Darum ist die Handwerkerstunde so teuer

Foto: Wolfgang BeckerVorschriften, Vorschriften, Vorschriften – Handwerksmeister Rainer Kalbe sieht eine eklatante Zunahme von unproduktiven Arbeitsstunden, die sich negativ auf die Verrechnungssätze für Handwerkerstunden auswirken. Seine Folgerung: Die Handwerkerstunde wird immer wertvoller – deshalb sollte der Kunde im Sinne einer effektiven Nutzung möglichst gut vorplanen.

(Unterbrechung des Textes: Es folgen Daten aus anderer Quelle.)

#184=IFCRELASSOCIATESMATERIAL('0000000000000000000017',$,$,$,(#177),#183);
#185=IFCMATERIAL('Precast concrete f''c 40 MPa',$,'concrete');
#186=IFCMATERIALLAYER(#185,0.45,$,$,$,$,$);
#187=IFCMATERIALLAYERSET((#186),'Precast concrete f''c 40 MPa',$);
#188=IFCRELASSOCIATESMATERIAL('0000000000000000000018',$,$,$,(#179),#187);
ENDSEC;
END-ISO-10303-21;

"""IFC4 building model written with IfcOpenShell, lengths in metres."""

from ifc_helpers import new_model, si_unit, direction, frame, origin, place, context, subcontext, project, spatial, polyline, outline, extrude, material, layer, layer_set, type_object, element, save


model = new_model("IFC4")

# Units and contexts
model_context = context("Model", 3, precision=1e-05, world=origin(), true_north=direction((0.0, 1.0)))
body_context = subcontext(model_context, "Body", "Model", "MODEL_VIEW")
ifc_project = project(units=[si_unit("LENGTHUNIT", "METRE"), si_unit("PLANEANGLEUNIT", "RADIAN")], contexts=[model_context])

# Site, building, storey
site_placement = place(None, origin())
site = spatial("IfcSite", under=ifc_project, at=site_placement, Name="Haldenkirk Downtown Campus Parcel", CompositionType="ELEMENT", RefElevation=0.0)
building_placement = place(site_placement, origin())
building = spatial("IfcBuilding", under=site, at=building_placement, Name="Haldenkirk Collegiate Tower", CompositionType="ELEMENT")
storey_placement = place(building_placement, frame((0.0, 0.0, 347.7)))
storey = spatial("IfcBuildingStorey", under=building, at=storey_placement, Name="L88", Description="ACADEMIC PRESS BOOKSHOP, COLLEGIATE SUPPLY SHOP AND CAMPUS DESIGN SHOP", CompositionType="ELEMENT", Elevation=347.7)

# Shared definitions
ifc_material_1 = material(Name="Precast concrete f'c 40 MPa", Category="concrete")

Der anhaltende Bauboom sorgt weiterhin für volle Auftragsbücher insbesondere in den baurelevanten Gewerken. Handwerksmeister berichten sogar von einer gestiegenen Zahlungsmoral ihrer Auftraggeber; Kunden dagegen von der Sorge um Zeitpläne – weil die beauftragten Betriebe häufig so viel zu tun haben, dass die Mitarbeiter von Baustelle zu Baustelle eilen und versuchen, die angenommenen Aufträge parallel abzuarbeiten. Und das kostet Zeit. Noch etwas ist vielen Kunden aufgefallen: Die Kosten für die Handwerkerstunde sind gestiegen – ein klarer Beleg für hohe Nebenkosten. Daraus zu schließen, das Handwerk verdiene zurzeit übermäßig viel Geld, ist allerdings nicht richtig, wie Rainer Kalbe, Geschäftsführer von Hartmann Haustechnik (Heizung, Bäder, Sanitär) und stellvertretender Bezirkshandwerksmeister in Harburg, sagt. Für B&P hat er die Handwerkerstunde seziert – mit einem überraschenden Ergebnis und einer logischen Konsequenz für jeden Kunden.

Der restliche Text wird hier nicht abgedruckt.